The most important step for applying machine learning to DevOps is to select a method (accuracy, f1, or other), define the expected target, and its evolution.

We have started with 80% accuracy and put the stretch target to move 1 point per week for 10 weeks. The important decision here is what can an end user still accept as help or improvement over application without ML. Our targets were too strict and we were “failing” too many builds, which the client wanted to see in production.

The second important area in ML testing is testing the data set. There is only one simple rule — more is better. We have started training data sets for our bot with a small labeled set and used selected utterances from this data set as testing scenarios. As the data set grows we have better and better test results, but not so much in the production. We have changed the testing to 25% of the overall data set and keep strict separation of training and testing data for all cycles.

Change in results without changing the code

The traditional software engineering approach is to run tests every time there is a change in the codebase. But applying machine learning to DevOps, you need to remember that the quality of machine learning can change with no changes in the code.

The amount and quality of training data are critical for the results.

A testing cycle is usually triggered by a change in codebase. The push to Github starts other tools to build, test, etc. Github is a great tool for managing code, though not so great for managing data sets. Even it cannot host real-sized data sets — the limit on file size is 100M.

Our small data set was still able to fit into the Github repository and as it is pure text it was even able to show differences in each version. As it grew, we moved it into a separate storage account and used a set of python scripts to clean it and split it into a train file and a test file. At the same we had to change the frequency of retraining the classifier as the training time took too long.

Time to train the classifier

The third challenge every machine learning application faces in CI/CD cycle while applying to DevOps is the time needed to train the classifier. An agile process should be fast and able to make changes in a production system as soon as possible. Training of a machine learning classifier can easily take several hours or days. We had to move from retraining on each build to our current approach of retraining weekly to bi-weekly.

There are two basic architectural approaches to address these challenges with a lot of possible shades between them.

Include full processing into your CI/CD cycle

This is where we have started. And it looks to be the easiest and the most straightforward way for a small team and a small dataset.

Pros:
• Easy fit to existing process
• Full visibility of changes either in code or in data

Cons:
• Slow process
• A lot of “failing builds” for no apparent reason or change in code
• Complex management of training and testing data sets

Carve out the machine learning part into a separate service

Pros:
• Clear separation of responsibilities
• Ability to use different languages / frameworks for each part (in our case python for machine learning and javascript for bot)

Cons:
• Risk of premature definition of services

Final thoughts

Our experience shows that there is no one-size-fits-all approach to combining traditional software engineering and machine learning in one project.

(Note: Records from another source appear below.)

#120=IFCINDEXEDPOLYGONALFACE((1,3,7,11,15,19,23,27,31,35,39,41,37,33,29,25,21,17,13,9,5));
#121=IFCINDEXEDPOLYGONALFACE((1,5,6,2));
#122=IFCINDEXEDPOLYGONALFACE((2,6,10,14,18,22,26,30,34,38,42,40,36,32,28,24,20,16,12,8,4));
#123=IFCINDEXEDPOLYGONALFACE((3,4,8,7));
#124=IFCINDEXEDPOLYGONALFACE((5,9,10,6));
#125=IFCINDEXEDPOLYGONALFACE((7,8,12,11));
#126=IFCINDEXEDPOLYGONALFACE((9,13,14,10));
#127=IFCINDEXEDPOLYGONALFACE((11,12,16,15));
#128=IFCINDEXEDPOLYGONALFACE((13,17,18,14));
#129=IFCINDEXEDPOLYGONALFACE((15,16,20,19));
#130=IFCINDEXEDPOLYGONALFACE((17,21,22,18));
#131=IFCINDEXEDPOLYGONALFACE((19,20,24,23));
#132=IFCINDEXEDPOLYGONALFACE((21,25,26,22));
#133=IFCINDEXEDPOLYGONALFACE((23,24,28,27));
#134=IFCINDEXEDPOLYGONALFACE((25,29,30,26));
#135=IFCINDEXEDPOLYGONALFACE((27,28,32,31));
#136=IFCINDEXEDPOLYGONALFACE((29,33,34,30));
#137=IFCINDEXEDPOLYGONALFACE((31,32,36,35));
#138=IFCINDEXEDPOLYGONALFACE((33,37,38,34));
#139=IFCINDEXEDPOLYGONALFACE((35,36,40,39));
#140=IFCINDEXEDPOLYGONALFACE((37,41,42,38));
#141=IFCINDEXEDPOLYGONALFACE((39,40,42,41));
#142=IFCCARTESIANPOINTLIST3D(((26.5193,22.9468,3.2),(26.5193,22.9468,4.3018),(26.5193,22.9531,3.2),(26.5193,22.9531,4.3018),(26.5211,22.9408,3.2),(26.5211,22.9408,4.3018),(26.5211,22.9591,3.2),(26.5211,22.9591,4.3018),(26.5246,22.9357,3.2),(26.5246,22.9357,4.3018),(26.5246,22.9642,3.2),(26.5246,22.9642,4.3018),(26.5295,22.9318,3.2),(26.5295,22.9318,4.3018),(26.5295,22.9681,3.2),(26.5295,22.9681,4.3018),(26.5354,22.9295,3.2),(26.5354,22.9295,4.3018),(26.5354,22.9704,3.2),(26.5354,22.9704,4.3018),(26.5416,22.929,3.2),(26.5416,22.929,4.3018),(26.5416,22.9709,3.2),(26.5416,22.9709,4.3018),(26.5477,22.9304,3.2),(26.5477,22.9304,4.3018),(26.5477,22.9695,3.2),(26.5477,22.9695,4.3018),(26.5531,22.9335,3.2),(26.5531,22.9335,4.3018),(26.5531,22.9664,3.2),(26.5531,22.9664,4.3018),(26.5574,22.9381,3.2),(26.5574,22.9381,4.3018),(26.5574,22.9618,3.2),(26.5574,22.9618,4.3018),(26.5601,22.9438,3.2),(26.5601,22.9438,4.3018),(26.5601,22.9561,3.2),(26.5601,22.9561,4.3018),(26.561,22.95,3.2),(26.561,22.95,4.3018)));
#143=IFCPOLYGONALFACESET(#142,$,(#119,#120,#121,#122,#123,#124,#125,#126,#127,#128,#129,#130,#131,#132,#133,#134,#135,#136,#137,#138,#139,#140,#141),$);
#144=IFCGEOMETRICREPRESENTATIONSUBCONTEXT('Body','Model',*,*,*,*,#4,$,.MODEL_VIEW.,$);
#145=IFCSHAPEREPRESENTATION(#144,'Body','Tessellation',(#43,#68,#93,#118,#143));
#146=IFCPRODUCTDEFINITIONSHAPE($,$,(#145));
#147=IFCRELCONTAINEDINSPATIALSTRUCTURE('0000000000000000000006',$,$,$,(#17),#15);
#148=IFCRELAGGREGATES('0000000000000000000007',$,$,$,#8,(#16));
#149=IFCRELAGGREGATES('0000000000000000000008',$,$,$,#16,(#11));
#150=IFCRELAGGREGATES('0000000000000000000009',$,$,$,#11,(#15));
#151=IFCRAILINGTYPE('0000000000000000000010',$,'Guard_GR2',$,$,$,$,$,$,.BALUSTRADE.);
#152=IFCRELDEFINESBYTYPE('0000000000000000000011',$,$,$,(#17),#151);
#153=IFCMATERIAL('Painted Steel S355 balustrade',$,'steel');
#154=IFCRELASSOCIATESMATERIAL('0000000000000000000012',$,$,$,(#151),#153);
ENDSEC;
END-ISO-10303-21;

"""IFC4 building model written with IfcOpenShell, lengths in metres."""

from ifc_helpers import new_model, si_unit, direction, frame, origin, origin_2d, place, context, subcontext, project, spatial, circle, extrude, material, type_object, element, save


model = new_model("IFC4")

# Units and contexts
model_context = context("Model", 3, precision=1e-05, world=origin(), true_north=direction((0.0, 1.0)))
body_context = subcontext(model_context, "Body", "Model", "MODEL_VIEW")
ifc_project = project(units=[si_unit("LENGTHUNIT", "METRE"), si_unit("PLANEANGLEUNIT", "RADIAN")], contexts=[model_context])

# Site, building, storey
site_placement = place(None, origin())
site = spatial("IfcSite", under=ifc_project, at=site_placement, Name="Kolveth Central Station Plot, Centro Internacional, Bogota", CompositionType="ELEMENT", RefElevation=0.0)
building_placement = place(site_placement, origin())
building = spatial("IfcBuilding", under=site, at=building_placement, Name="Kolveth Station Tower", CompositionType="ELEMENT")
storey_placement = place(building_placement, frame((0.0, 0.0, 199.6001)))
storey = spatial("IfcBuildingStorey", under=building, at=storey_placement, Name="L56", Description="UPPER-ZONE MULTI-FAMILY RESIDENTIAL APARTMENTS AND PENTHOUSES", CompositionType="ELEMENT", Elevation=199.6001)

At the early stages of the project when our data structure and features were changing often, the most simple approach was the best. Quick and dirty is sometimes the best way.

It did allow us to start the feedback cycle and evolve the model. The important thing is not to forget the technical debt you are building into the software. As our data set grew we had to start moving parts out of core service.

The second step was to separate machine learning into independent services. By the time our build/test run went for 6 hours we had to move it out even though the rest of the software was not ready to separate into a microservice architecture. The main driver for the separation of machine learning is the size of the data set.

What is your experience with applying machine learning to DevOps?